After Medicare rejection, Eisai and Biogen's Leqembi gets thumbs-up from Veterans Administration

Less than three weeks after Medicare said no to providing wider coverage of Eisai and Biogen’s Alzheimer’s drug Leqembi, the United States Veterans Health Administration (VHA) has ruled that it will cover the treatment, allowing access to veterans with an early stage of the disease.

The decision of the agency—which was announced by the companies on Monday—was a pleasant surprise for the drugmakers after last month's defeat when The Centers for Medicare and Medicaid (CMS) rejected a petition, leaving in place a restrictive policy for an entire class of amyloid Alzeihmer’s drugs, including Leqembi and its predecessor Aduhelm.

“This is an important step toward access to medically necessary and beneficial treatments for people living with mild cognitive impairment,” Joanne Pike, CEO and president of the Alzheimer's Association, said in a release. “Each day matters to someone living with early-stage Alzheimer's when it comes to slowing the progression of this disease.”

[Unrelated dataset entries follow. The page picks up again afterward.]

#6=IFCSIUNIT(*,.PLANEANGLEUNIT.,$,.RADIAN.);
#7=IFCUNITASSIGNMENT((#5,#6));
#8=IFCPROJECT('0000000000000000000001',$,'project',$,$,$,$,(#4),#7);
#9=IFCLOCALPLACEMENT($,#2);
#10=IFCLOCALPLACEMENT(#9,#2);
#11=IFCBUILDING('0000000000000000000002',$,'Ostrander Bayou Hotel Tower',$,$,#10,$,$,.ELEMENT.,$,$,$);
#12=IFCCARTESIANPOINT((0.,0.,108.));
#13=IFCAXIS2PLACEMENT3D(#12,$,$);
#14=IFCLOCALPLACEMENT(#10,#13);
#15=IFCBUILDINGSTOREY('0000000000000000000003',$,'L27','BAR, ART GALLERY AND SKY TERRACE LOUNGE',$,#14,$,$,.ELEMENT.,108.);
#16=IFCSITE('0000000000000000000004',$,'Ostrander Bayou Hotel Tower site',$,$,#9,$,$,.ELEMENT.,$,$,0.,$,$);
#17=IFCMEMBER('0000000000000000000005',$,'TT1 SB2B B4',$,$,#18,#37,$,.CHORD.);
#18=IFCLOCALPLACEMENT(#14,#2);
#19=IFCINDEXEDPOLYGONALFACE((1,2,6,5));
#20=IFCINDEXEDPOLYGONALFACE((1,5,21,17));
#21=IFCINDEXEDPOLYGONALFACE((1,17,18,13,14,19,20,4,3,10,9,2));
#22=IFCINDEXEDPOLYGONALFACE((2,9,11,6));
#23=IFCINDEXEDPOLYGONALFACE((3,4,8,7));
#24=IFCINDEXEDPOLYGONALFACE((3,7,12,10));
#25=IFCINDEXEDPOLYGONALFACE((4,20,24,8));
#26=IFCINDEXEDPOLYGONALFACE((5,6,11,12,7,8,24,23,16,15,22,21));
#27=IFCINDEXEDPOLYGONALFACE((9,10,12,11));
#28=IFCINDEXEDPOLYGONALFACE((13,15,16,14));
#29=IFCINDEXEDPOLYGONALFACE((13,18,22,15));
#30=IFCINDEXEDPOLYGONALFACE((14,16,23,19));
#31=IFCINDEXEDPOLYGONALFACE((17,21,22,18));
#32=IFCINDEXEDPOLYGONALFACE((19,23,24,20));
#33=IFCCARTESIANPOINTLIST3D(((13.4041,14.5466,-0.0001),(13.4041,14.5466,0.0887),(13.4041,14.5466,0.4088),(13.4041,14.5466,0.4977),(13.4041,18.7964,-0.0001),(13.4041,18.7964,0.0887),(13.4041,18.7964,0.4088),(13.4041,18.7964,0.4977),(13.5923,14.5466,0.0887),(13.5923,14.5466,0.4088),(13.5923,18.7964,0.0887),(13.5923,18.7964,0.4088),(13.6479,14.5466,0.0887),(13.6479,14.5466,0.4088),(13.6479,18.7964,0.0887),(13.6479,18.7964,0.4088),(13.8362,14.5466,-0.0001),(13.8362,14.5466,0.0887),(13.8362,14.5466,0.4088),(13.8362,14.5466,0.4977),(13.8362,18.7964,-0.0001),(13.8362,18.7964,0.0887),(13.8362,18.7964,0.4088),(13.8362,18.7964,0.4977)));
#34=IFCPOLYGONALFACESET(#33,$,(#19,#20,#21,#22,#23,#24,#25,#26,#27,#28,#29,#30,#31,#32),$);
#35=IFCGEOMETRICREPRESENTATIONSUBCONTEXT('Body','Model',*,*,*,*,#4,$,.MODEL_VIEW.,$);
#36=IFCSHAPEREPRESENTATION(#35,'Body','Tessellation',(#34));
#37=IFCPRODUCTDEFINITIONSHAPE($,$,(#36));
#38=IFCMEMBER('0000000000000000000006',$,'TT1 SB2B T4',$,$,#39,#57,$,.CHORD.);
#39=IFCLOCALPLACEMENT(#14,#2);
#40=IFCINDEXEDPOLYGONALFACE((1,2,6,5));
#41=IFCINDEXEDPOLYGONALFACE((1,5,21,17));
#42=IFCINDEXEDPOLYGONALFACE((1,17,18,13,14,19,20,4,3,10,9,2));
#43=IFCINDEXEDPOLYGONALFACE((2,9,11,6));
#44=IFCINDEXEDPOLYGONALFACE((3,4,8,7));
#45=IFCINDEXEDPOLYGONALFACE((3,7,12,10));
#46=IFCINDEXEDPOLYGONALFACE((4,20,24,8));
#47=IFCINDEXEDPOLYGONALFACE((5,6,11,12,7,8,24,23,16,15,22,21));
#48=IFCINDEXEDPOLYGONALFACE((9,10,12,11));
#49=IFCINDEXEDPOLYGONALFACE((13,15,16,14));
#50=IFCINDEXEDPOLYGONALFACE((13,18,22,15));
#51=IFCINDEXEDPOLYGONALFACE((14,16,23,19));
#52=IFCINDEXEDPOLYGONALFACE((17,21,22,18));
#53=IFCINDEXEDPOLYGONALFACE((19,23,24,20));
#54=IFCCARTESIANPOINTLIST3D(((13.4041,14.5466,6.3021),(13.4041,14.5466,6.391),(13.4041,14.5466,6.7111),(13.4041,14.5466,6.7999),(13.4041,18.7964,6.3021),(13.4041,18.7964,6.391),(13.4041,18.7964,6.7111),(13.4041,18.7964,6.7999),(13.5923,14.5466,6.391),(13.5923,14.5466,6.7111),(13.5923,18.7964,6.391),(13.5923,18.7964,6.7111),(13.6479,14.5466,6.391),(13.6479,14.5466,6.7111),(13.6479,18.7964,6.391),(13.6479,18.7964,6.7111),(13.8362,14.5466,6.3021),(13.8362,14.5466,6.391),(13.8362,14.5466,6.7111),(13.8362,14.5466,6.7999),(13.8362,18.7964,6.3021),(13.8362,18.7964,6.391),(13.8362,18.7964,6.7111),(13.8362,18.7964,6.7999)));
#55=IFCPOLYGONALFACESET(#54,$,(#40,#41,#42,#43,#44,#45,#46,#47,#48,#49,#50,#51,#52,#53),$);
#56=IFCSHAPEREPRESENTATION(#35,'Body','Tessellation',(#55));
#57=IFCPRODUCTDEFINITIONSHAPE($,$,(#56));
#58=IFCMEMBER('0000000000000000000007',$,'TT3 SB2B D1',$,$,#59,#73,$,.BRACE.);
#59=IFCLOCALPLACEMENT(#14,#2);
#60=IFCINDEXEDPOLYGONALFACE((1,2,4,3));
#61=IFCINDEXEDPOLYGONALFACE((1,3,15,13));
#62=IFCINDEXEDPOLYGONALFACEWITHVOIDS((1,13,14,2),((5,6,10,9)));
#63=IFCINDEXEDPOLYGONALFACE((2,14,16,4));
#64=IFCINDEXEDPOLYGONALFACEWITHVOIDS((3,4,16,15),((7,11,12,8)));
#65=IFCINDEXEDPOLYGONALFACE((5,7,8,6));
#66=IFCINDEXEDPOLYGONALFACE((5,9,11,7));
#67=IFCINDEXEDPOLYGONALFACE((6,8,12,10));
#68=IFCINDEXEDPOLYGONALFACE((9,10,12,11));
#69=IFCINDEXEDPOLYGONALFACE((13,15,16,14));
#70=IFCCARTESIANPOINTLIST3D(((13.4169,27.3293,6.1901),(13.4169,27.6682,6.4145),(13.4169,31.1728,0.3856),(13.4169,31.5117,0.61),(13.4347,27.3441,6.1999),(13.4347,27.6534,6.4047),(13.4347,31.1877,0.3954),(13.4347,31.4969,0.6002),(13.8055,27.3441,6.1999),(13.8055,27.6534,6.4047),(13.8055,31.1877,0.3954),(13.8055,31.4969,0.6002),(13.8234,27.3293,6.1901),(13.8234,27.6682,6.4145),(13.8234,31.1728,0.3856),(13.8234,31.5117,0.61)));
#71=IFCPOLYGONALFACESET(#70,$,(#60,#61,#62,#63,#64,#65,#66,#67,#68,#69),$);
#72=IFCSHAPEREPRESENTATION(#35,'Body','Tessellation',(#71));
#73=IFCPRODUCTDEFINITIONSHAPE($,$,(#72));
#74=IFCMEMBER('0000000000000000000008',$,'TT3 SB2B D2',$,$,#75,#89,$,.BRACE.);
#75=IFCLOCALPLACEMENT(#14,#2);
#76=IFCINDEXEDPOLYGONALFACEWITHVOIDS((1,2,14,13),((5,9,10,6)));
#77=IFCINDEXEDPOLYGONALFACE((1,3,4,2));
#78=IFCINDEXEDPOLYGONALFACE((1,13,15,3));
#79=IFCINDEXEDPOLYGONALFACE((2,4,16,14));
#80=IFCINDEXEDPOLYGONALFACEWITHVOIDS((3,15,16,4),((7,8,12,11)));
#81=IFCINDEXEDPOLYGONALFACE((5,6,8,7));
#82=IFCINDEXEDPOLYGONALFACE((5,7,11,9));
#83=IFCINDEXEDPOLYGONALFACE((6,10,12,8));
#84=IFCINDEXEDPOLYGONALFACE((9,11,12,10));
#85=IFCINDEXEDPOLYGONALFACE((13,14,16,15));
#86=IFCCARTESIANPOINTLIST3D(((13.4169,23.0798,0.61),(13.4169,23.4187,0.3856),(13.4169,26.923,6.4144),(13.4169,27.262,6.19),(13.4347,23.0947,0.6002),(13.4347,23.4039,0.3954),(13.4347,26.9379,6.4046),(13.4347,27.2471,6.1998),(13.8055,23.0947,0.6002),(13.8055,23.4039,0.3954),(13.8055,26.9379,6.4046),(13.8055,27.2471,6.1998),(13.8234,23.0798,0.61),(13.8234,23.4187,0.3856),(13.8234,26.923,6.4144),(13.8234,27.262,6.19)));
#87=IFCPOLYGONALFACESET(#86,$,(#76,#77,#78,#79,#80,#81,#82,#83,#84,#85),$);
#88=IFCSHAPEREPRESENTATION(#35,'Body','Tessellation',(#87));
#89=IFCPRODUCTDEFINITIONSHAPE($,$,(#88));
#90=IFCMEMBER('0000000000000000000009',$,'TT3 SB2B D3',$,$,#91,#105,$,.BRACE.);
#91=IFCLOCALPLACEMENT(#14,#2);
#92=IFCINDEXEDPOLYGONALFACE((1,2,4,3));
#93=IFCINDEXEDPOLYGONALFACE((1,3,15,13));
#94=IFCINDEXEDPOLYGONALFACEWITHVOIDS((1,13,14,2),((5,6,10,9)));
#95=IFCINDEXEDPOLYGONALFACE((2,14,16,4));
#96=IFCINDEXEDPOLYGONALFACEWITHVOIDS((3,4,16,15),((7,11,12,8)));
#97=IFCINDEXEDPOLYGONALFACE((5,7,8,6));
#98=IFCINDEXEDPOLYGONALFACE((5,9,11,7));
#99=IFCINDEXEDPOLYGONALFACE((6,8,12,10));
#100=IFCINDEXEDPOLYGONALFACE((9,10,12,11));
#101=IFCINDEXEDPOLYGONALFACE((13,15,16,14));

Approved under the FDA’s accelerated pathway two months ago, Leqembi costs $26,000 annually. The drug, which is infused twice a month, targets brain plaque.

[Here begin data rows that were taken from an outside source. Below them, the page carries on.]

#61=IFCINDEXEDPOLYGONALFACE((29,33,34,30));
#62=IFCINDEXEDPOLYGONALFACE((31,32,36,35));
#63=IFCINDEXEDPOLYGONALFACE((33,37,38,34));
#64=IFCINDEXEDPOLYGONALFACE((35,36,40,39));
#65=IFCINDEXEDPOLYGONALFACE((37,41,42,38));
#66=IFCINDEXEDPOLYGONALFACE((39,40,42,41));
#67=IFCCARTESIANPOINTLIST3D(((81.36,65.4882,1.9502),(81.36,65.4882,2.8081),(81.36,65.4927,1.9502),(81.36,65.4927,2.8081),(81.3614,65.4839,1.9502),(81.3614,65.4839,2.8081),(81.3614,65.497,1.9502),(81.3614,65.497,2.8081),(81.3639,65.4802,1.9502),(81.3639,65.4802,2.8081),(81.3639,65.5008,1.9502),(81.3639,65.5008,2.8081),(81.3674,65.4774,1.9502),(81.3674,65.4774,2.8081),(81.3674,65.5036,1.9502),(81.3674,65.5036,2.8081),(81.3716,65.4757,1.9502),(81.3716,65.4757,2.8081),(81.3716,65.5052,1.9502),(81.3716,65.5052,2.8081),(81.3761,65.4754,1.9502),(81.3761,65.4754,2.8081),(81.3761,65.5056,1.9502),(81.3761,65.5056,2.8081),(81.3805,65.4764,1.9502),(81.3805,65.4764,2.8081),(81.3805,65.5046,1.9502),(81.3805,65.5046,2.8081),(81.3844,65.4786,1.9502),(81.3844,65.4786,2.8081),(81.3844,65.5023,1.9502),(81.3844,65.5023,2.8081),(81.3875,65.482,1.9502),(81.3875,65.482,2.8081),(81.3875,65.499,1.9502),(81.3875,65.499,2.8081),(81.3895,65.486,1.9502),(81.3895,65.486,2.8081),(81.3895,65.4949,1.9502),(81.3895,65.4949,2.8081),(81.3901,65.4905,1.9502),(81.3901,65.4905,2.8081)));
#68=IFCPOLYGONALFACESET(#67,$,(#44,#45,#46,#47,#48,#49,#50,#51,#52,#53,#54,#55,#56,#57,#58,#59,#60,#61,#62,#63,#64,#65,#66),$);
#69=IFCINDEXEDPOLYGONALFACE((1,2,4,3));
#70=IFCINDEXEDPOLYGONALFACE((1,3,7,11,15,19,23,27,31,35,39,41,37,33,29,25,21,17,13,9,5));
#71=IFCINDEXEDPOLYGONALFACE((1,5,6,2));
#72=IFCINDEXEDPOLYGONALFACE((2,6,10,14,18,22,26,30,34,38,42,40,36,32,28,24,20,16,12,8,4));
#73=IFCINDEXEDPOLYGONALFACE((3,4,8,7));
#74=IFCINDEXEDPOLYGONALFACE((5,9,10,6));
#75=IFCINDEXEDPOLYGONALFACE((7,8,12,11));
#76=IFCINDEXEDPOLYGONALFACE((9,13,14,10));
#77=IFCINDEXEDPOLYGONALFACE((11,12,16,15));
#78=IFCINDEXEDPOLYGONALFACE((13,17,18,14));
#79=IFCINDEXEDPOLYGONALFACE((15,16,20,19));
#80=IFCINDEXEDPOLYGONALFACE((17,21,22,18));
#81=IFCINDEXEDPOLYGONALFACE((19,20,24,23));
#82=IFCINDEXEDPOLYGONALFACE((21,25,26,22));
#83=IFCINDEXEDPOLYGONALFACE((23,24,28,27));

The FDA has set a target date of July 6 to decide whether to grant Leqembi a full approval. If it passes muster, Medicare officials would then deliberate over the agency's coverage policies.

"We see the VHA decision as the beginning of a potential series of wins on the reimbursement front for Leqembi, with the larger catalyst being the CMS potentially revisiting the currently restrictive (national coverage determination) after full approval," Myles Minter, Ph.D., an analyst with William Blair, wrote in a note to investors.

A late-stage trial showed Leqembi slowed cognitive decline by 27%. Possible side effects include brain swelling and bleeding, with those taking blood thinners more susceptible.

The VHA will cover veterans with an early stage of Alzheimer’s who meet a set of criteria. They must be over age 65, have undergone an MRI within the last year and have an elevated level of brain amyloid.

"Not all veterans living with Alzheimer's will be eligible for treatment, but unlocking reimbursement for these beneficiaries puts Eisai well on course to identify 100,000 patients eligible for treatment by 2026," Minter added.

William Blair estimates the total addressable market in the VHA patient population alone is greater than $2.5 billion and growing to $3.2 billion by 2033. The analysts project overall sales of Leqembi in the U.S. reaching $4.6 billion in 2030.

When the VHA was faced with a similar decision on Aduhelm in August of 2021, it decided not to place the drug on the national formulary. At the time, Aduhelm cost $56,000 per year. The agency cited a lack of evidence of “clinical benefit.”

The VHA serves nine million veterans at 1,300 facilities nationwide, according to its website. The VHA estimates that 168,000 veterans had Alzheimer’s in 2022.

The rejection last month from Medicare came in response to a request by the Alzheimer’s Association to change its policy for Leqembi. It also came shortly after the American Academy of Neurology threw its support behind Leqembi and after lawmakers sent letters urging Department of Health and Human Services and CMS.

In the same statement praising the VHA, the Alzheimer’s Association blasted Medicare, which it said “continues to ignore the needs of their beneficiaries living with Alzheimer's.

“Each day CMS blocks access to treatment, more than 2,000 individuals aged 65 or older transition from mild dementia due to Alzheimer's to a more advanced stage of the disease where they are no longer eligible. Treatments taken in the early stages of Alzheimer's would allow people more time to participate in daily life, remain independent and make health care decisions for their future.”